= Ephraim Levin =

Ephraim Y. Levin, (February 22, 1933, Baltimore, Maryland, - November 20, 2020) was an American scientist.

== Academic career ==
1957 BA and MA, 1953, MD, 1957 at Johns Hopkins University. He had an internship and residencies at Johns Hopkins Hospital and Sinai Hospital of Baltimore.

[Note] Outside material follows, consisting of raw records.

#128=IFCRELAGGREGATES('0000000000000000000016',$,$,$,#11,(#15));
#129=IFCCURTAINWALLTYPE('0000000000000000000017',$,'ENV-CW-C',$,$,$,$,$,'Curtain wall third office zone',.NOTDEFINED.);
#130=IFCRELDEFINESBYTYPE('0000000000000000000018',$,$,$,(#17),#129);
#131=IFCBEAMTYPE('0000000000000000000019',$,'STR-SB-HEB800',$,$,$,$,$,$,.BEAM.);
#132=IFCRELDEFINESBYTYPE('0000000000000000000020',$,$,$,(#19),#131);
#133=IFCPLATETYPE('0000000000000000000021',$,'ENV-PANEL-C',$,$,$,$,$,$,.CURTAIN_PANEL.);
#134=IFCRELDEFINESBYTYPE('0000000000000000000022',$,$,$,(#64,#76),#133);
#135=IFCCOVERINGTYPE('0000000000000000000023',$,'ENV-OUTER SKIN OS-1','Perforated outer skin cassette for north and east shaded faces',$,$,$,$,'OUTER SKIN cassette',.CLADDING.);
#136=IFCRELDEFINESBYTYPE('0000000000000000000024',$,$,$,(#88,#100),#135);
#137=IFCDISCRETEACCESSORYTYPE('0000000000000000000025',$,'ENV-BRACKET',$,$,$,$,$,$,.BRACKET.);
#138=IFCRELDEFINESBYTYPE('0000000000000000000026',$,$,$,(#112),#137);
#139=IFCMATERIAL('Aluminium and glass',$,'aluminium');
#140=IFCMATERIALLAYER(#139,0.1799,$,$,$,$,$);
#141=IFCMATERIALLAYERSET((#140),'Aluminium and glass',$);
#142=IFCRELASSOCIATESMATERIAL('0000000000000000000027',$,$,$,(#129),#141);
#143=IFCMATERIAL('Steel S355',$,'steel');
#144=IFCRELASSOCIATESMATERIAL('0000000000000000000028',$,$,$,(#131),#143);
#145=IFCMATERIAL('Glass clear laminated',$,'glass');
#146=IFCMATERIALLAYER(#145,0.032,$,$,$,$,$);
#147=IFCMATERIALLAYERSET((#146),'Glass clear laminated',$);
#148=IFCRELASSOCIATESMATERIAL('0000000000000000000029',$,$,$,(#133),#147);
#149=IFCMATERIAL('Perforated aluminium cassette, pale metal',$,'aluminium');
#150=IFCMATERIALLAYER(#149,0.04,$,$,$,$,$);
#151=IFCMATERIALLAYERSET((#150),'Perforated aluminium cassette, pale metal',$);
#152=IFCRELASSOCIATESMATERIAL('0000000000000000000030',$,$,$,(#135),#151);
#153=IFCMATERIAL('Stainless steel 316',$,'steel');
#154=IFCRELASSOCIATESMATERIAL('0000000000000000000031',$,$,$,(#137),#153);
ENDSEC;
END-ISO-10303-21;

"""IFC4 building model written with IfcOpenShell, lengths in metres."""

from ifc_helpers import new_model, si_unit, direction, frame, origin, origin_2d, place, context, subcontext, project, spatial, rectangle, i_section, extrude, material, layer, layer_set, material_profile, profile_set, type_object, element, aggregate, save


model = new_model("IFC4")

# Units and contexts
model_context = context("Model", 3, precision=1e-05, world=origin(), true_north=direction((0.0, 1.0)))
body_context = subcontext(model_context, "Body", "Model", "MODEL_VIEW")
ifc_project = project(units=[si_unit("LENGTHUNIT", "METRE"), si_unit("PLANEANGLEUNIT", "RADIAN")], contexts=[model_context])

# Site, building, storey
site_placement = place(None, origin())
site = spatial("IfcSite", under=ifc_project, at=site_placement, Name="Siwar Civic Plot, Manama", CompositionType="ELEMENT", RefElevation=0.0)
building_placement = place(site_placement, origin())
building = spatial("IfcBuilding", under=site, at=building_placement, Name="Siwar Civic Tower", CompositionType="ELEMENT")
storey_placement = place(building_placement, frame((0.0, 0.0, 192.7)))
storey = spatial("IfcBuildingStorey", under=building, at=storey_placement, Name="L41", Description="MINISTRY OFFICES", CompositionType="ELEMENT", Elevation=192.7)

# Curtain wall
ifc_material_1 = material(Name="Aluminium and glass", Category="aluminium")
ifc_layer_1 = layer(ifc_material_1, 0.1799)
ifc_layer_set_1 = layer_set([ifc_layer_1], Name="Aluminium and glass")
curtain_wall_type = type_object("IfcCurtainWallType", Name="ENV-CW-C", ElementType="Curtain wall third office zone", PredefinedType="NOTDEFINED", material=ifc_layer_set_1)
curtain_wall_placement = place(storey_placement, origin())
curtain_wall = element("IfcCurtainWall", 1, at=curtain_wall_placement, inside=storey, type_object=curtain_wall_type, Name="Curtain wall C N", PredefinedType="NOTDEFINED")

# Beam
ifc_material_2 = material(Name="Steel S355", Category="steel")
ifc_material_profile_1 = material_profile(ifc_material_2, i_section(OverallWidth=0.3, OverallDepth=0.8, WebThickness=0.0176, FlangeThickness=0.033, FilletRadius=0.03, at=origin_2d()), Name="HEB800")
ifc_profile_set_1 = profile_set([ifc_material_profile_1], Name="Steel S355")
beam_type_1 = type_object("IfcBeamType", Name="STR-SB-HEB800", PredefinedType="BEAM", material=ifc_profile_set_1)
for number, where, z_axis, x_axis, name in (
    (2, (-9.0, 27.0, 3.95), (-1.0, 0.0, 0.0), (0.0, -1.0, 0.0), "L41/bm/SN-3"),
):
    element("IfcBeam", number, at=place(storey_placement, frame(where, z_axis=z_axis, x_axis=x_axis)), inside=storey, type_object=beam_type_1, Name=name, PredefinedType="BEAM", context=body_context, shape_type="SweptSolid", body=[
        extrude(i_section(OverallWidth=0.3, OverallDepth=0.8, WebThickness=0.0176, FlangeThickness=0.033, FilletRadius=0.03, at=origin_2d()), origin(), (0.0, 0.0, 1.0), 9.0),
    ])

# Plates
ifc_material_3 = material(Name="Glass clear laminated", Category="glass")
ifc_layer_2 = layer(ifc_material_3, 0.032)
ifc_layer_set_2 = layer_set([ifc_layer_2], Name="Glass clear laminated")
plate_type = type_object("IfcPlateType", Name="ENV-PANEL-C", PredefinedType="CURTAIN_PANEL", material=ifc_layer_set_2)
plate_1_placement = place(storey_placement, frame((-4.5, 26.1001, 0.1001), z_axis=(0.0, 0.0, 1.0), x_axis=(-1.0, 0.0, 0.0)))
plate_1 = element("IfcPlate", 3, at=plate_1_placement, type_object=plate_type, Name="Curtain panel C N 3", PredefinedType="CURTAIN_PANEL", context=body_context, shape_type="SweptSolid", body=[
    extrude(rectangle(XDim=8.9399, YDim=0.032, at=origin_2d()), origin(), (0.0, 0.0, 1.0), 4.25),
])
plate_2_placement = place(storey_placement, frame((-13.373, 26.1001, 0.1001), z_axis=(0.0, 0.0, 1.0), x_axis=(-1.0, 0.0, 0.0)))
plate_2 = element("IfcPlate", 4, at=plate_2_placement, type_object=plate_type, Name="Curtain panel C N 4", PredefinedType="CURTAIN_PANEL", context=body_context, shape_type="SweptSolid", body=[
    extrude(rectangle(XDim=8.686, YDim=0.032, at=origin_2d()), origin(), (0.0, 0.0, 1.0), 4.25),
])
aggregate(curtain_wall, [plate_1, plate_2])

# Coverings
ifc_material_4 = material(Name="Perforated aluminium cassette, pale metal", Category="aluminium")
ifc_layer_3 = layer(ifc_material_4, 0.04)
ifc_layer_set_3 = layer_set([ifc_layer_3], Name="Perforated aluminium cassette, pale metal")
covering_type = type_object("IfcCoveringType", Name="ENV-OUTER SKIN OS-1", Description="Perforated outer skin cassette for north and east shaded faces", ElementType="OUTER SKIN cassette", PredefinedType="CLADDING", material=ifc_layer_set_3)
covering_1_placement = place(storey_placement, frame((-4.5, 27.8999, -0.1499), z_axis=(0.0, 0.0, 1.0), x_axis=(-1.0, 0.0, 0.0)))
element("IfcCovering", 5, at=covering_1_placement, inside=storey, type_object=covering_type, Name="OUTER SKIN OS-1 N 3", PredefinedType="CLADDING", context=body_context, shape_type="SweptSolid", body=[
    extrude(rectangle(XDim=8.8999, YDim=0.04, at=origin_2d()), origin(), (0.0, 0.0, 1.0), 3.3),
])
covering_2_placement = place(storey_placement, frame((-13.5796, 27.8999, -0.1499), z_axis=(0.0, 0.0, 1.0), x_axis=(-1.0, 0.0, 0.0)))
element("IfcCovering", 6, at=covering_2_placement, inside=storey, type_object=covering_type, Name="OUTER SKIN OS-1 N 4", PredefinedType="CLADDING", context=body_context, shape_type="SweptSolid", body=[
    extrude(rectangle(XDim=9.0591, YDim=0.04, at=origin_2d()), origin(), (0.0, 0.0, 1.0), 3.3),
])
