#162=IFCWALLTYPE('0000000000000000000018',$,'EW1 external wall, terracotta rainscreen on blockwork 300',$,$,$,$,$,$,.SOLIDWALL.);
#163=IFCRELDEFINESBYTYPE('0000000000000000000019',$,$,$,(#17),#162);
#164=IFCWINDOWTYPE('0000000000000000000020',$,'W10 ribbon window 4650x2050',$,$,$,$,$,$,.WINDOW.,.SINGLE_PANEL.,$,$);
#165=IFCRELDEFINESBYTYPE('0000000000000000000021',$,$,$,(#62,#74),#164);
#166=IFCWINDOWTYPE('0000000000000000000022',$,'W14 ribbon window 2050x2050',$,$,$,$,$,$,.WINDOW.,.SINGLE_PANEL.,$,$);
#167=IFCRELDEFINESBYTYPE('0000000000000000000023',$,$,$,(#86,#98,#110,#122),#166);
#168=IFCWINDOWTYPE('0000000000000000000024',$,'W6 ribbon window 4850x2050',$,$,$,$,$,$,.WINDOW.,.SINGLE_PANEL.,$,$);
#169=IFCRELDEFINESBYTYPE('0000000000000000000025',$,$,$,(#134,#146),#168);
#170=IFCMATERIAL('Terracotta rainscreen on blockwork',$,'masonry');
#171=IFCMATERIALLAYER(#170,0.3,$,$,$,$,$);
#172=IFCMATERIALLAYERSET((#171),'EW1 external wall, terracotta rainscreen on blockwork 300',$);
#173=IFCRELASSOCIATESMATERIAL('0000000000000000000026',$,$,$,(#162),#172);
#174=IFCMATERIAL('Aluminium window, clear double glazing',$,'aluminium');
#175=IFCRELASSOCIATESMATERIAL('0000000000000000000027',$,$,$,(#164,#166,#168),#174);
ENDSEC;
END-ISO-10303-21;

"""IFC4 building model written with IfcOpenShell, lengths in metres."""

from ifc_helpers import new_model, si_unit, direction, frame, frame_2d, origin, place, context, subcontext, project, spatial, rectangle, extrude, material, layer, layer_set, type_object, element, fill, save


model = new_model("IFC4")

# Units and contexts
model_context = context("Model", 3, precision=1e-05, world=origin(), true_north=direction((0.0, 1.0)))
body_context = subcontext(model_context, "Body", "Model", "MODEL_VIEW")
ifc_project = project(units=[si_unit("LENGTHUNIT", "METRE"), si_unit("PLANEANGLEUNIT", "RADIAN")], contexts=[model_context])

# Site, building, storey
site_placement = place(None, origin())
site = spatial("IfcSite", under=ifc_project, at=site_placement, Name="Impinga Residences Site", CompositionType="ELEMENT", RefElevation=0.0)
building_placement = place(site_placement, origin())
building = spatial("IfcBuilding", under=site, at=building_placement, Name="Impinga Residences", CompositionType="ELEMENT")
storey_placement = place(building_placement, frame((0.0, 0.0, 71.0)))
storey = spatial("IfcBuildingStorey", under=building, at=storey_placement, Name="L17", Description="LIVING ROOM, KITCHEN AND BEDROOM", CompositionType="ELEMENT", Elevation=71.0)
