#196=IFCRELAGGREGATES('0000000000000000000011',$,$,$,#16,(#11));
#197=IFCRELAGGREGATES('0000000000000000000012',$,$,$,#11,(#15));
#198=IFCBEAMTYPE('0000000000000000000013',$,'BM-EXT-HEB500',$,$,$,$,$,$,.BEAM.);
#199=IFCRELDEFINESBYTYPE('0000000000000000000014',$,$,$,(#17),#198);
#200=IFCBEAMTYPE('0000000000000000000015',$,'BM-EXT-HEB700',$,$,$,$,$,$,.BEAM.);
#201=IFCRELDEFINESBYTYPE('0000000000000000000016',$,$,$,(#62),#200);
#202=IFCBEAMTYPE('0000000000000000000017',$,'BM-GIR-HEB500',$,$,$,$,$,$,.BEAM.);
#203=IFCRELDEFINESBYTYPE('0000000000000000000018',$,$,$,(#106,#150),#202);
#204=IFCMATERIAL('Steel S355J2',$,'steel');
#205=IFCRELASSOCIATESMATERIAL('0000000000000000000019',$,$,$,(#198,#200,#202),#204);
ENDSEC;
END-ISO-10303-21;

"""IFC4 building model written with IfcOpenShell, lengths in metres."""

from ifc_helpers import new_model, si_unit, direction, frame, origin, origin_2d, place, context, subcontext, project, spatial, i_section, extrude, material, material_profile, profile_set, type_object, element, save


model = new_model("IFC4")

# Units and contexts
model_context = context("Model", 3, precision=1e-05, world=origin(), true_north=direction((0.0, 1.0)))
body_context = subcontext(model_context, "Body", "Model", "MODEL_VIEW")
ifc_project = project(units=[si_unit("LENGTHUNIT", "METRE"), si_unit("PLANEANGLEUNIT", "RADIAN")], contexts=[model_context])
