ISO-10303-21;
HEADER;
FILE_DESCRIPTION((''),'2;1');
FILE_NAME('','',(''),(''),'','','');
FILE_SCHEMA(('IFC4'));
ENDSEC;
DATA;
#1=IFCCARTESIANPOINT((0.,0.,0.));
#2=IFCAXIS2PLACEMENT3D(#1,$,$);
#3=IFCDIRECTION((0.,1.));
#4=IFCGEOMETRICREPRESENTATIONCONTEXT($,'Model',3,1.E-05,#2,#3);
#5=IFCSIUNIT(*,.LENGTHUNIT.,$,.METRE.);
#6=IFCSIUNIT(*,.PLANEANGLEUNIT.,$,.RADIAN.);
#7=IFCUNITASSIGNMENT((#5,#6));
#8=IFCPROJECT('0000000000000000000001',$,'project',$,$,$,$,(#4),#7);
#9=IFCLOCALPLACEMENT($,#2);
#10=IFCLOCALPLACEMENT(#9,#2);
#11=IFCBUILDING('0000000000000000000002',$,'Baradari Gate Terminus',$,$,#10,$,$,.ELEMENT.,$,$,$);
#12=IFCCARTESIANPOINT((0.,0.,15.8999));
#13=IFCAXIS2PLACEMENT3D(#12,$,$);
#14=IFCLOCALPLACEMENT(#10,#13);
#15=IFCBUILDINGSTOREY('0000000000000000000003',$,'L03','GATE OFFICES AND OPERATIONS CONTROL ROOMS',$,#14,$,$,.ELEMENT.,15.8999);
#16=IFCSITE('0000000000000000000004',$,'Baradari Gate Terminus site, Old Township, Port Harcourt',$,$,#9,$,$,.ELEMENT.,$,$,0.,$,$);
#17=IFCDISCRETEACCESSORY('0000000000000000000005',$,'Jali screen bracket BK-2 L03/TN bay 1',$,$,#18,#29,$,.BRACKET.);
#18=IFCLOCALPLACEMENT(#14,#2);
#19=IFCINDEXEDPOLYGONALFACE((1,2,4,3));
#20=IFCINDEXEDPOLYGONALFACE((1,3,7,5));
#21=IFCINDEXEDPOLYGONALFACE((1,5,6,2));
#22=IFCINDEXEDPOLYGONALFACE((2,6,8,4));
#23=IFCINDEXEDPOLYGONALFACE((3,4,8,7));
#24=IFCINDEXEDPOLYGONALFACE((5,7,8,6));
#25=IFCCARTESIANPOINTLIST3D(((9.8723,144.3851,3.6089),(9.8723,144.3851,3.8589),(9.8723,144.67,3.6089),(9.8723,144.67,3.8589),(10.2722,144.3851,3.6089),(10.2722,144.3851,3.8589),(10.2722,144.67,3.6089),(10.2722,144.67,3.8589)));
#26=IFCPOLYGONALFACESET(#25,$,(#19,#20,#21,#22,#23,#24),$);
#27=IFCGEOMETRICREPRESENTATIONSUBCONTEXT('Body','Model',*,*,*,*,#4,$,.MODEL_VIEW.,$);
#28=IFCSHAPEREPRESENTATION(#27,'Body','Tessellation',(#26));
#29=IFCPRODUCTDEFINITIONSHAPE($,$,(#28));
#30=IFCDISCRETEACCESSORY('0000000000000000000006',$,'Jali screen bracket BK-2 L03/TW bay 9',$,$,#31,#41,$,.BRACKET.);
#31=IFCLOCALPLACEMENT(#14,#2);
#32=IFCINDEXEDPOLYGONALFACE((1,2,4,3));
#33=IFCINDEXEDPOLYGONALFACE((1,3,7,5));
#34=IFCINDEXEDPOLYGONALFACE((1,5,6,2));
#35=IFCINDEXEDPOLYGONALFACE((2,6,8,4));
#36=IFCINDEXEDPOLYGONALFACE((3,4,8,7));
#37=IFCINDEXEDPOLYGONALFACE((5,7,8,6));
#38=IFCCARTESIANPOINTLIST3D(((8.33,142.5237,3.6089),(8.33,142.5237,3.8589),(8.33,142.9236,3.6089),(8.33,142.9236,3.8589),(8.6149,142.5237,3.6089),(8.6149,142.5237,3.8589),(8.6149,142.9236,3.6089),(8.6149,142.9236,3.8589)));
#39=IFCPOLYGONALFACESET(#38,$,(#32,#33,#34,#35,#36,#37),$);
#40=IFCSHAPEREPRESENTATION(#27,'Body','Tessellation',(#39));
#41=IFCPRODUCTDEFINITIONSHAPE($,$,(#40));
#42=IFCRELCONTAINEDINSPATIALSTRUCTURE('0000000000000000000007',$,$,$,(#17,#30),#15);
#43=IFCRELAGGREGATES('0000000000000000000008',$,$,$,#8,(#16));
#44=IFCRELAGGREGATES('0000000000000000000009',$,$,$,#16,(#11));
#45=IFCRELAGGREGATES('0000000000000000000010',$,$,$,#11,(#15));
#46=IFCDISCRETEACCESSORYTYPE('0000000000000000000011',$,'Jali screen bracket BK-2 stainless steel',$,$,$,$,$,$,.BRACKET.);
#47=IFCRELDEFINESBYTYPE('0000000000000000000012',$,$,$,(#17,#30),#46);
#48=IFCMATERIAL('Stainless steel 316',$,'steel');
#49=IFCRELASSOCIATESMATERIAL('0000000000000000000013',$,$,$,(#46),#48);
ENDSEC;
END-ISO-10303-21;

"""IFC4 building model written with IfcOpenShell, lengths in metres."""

from ifc_helpers import new_model, si_unit, direction, frame, origin, origin_2d, place, context, subcontext, project, spatial, rectangle, extrude, material, type_object, element, save


model = new_model("IFC4")

# Units and contexts
model_context = context("Model", 3, precision=1e-05, world=origin(), true_north=direction((0.0, 1.0)))
body_context = subcontext(model_context, "Body", "Model", "MODEL_VIEW")
ifc_project = project(units=[si_unit("LENGTHUNIT", "METRE"), si_unit("PLANEANGLEUNIT", "RADIAN")], contexts=[model_context])

# Site, building, storey
site_placement = place(None, origin())
site = spatial("IfcSite", under=ifc_project, at=site_placement, Name="Baradari Gate Terminus site, Old Township, Port Harcourt", CompositionType="ELEMENT", RefElevation=0.0)
building_placement = place(site_placement, origin())
building = spatial("IfcBuilding", under=site, at=building_placement, Name="Baradari Gate Terminus", CompositionType="ELEMENT")
storey_placement = place(building_placement, frame((0.0, 0.0, 15.8999)))
storey = spatial("IfcBuildingStorey", under=building, at=storey_placement, Name="L03", Description="GATE OFFICES AND OPERATIONS CONTROL ROOMS", CompositionType="ELEMENT", Elevation=15.8999)

# Discrete accessories
ifc_material_1 = material(Name="Stainless steel 316", Category="steel")
discrete_accessory_type_1 = type_object("IfcDiscreteAccessoryType", Name="Jali screen bracket BK-2 stainless steel", PredefinedType="BRACKET", material=ifc_material_1)
for number, where, z_axis, x_axis, name in (
    (1, (10.0723, 144.5276, 3.6089), (0.0, 0.0, 1.0), (0.0, 1.0, 0.0), "Jali screen bracket BK-2 L03/TN bay 1"),
    (2, (8.4724, 142.7236, 3.6089), (0.0, 0.0, 1.0), (-1.0, 0.0, 0.0), "Jali screen bracket BK-2 L03/TW bay 9"),
):
    element("IfcDiscreteAccessory", number, at=place(storey_placement, frame(where, z_axis=z_axis, x_axis=x_axis)), inside=storey, type_object=discrete_accessory_type_1, Name=name, PredefinedType="BRACKET", context=body_context, shape_type="SweptSolid", body=[
        extrude(rectangle(XDim=0.2849, YDim=0.3999, at=origin_2d()), origin(), (0.0, 0.0, 1.0), 0.25),
    ])

save(model, "model.ifc")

He served in the United States Public Health Service USPHS from 1953 to 1998, and was on active duty from 1958 to 1960 and 1974–1998.

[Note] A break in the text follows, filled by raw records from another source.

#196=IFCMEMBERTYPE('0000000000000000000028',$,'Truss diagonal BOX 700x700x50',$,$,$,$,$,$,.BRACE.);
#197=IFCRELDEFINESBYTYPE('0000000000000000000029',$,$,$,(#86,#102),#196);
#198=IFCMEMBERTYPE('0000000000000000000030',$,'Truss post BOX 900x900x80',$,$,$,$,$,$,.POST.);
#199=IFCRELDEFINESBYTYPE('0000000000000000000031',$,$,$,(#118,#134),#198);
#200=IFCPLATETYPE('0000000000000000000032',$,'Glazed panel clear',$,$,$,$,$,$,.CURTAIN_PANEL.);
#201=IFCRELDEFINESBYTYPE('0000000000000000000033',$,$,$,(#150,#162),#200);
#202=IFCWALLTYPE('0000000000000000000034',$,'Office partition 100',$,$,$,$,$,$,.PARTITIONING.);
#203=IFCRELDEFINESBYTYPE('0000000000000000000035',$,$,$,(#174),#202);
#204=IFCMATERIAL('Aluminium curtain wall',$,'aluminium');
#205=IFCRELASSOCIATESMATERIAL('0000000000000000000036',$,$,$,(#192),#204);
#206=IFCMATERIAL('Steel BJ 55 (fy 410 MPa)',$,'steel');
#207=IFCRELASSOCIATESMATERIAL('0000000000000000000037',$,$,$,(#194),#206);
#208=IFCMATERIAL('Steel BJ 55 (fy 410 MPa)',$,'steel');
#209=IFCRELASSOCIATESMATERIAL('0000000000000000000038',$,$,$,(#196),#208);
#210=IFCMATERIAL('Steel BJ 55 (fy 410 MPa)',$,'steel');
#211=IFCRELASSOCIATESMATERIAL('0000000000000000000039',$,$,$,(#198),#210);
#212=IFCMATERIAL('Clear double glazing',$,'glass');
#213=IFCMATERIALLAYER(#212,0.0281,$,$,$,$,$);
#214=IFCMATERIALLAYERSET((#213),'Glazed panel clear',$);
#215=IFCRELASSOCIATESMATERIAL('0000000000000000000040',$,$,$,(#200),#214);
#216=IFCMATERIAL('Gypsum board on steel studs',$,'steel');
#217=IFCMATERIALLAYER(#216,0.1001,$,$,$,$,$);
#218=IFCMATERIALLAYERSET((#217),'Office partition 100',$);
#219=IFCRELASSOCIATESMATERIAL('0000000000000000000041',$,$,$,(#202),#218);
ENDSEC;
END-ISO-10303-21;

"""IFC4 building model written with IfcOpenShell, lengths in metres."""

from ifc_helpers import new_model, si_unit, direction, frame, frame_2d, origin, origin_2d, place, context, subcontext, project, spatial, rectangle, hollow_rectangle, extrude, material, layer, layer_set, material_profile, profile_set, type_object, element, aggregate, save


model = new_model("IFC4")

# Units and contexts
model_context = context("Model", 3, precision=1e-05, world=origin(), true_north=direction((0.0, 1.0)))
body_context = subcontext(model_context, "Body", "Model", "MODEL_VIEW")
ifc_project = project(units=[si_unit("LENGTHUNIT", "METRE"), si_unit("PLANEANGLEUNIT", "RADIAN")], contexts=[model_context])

Along with Seymour Kaufman he discovered the role of ascorbic acid in the enzymatic hydroxylation of dopamine to form norepinephrine, the first evidence for a specific metabolic function for this vitamin

Fellowship with Konrad Bloch at Harvard University 1961–1963, under the auspices of Sinai Hospital.

He was on the Faculty of Pediatrics at Johns Hopkins School of Medicine 1963–1974.

Along with Vagn Flyger, he demonstrated the partial deficiency of uroporphyrinogen cosynthetase in congenital erythropoietic porphyria of cattle and human beings, its occurrence in asymptomatic carriers of the disease, in fibroblasts as well as in bone marrow, and its probable cause of red bones in fox squirrels.

He once beat Solomon Golumb in a chess game.

== Personal life ==
He married Ruth Lee Shefferman on June 17, 1956, and had four children: Joshua, Rebecca, Daniel, and Michael.